Comprehensive documentation for the Ouro API can be found at /docs/developers/api.

By offering a range of APIs, both custom and managed, the Water layer enables users to extend the functionality of Ouro and leverage powerful data processing capabilities. Whether it's integrating external services, manipulating data, or utilizing Ouro's internal APIs, the Water layer provides a flexible and extensible framework for building robust and efficient data processing pipelines.

API Metadata and Asset Linking

To facilitate seamless integration and discoverability of APIs within the Ouro ecosystem, the Water layer introduces the concept of API metadata and asset linking.

When creating an API asset in the Water layer, users can provide additional metadata that describes the purpose, functionality, and requirements of the API. This metadata includes information such as:

  • API name and description
  • Input parameters and data formats
  • Output data formats and structures
  • Authentication requirements
  • Usage examples and documentation

By providing comprehensive metadata, users can make their APIs more discoverable and understandable to other users within the platform. This promotes collaboration, reusability, and knowledge sharing among the Ouro community.

In addition to metadata, the Water layer allows users to link their APIs to other assets within Ouro.

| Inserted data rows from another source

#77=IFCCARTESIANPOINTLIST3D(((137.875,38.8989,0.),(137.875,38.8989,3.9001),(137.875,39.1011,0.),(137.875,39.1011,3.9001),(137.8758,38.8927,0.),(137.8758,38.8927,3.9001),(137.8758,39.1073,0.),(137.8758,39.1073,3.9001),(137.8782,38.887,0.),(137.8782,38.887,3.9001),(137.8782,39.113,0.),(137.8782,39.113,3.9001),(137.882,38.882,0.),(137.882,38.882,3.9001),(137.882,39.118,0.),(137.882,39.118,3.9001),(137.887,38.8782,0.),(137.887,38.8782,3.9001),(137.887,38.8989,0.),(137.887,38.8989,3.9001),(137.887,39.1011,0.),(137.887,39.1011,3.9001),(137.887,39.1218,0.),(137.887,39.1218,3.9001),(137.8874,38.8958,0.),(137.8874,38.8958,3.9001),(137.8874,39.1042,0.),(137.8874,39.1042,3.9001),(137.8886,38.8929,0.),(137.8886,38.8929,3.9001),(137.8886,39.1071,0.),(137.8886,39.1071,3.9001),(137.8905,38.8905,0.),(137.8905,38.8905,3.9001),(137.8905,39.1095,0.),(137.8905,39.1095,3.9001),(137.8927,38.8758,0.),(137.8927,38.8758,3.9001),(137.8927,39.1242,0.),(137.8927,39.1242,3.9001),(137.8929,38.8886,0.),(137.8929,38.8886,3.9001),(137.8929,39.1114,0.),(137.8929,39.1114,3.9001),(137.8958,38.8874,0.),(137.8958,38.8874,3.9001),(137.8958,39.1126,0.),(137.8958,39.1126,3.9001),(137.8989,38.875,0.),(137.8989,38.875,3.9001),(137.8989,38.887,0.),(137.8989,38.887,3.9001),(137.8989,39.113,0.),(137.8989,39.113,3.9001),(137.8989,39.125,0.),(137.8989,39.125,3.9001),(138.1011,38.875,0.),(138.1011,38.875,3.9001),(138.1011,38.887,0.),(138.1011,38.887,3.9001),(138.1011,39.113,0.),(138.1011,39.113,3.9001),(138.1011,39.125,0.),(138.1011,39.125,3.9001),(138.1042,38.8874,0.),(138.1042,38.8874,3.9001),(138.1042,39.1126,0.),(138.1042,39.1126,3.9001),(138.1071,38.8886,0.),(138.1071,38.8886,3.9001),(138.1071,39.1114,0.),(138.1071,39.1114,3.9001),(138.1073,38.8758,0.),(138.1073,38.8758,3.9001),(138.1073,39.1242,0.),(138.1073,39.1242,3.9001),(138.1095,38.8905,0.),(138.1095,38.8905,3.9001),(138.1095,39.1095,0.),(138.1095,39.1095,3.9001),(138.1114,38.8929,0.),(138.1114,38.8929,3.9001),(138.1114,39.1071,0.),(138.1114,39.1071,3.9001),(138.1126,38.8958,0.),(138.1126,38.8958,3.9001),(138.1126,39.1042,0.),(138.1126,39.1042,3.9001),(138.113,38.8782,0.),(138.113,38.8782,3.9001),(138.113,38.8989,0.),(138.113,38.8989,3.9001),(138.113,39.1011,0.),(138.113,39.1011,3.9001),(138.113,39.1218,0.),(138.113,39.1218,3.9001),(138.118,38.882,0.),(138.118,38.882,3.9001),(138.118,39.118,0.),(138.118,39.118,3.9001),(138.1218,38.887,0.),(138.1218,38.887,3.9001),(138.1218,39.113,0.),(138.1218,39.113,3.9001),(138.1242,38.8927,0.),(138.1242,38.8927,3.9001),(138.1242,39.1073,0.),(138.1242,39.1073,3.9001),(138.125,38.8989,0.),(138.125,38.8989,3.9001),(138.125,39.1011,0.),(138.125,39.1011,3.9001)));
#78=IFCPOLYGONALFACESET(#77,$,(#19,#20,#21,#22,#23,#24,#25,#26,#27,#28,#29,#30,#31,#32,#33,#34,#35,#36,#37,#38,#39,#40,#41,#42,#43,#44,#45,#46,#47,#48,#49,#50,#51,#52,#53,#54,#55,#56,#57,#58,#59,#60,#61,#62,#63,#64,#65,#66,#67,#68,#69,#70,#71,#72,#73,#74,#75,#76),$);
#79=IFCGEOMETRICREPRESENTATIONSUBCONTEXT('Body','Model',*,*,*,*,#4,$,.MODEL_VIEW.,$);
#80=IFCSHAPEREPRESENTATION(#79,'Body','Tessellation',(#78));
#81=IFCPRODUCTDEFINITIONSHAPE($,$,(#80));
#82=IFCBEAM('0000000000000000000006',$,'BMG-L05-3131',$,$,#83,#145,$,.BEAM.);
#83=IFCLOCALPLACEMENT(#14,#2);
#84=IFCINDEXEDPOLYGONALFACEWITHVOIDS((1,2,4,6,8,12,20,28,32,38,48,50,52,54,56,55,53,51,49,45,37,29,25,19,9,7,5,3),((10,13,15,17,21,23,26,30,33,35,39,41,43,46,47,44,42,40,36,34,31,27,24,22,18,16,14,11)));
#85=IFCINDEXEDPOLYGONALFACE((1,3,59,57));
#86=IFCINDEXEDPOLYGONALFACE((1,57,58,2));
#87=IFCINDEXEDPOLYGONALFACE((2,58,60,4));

This is achieved through asset linking, where users can specify the relationships between their APIs and other relevant assets, such as datasets, posts, or even other APIs.

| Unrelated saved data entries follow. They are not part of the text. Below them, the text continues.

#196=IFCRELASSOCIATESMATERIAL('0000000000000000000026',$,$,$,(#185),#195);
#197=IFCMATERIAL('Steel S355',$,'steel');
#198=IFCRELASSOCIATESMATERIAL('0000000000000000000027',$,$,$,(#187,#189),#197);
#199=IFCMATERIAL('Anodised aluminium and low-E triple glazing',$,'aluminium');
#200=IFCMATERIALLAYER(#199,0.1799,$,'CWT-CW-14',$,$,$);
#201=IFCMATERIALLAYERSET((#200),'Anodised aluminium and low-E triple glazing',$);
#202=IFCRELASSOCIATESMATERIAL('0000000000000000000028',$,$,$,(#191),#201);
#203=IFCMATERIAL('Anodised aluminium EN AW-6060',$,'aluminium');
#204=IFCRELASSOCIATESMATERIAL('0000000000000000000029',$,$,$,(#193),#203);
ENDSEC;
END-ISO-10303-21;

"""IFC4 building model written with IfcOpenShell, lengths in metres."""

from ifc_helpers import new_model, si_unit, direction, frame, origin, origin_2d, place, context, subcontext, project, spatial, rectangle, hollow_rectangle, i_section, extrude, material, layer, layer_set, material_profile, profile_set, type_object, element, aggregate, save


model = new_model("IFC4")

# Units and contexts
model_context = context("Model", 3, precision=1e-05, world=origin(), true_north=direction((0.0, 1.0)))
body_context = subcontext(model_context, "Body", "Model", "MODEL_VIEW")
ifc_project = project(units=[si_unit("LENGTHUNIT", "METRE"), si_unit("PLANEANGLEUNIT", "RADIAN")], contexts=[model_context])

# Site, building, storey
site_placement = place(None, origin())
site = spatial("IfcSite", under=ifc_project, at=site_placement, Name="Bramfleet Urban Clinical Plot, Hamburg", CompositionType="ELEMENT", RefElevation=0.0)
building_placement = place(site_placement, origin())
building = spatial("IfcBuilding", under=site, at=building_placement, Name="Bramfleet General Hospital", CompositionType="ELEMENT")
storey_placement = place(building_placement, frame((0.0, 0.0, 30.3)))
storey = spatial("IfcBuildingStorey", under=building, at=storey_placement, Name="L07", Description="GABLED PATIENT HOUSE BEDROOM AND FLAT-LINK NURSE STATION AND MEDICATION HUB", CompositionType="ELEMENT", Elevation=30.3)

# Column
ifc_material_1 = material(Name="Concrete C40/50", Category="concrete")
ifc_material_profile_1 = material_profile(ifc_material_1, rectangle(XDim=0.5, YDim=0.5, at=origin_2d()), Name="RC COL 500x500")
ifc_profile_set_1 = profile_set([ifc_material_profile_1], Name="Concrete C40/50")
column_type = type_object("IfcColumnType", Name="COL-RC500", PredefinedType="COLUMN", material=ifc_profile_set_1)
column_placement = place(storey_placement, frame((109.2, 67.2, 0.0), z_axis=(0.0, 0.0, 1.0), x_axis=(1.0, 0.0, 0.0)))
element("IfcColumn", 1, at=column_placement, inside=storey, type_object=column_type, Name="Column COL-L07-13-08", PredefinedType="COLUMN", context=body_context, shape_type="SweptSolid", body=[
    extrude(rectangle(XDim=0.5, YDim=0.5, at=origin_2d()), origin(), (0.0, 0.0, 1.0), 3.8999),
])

Asset linking in the Water layer offers several benefits:

  • Discoverability: By linking an API to relevant datasets or posts, users can make their APIs more discoverable to others who are interested in similar topics or working with related data.
  • Context: Linking APIs to other assets provides context about how the API can be used, what data it operates on, and how it fits into the broader ecosystem of assets within Ouro.
  • Collaboration: Asset linking fosters collaboration by enabling users to build upon each other's work. For example, a user can create an API that processes data from a specific dataset, and others can discover and utilize that API to build more advanced data processing pipelines.
  • Versioning and Updates: When an API is updated or versioned, the asset linking mechanism allows users to track the dependencies and impact of those changes across related assets.

The Water layer's API metadata and asset linking capabilities enhance the usability, discoverability, and interoperability of APIs within the Ouro ecosystem. By providing rich metadata and establishing connections between APIs and other assets, users can create a powerful network of data processing tools and services that drive innovation and collaboration.


The Water layer in Ouro represents a dynamic and flexible environment for API integration and data processing. With support for custom API integration, secure authentication, managed Ouro APIs, and asset linking, the Water layer empowers users to extend the capabilities of the platform and build sophisticated data processing workflows.

By leveraging the Water layer, users can harness the power of external services, integrate them seamlessly into their Ouro projects, and collaborate with others to create innovative solutions. Whether it's processing complex datasets, automating data transformations, or building custom applications, the Water layer provides the tools and framework necessary to unlock the full potential of data-driven insights and decision-making within the Ouro ecosystem.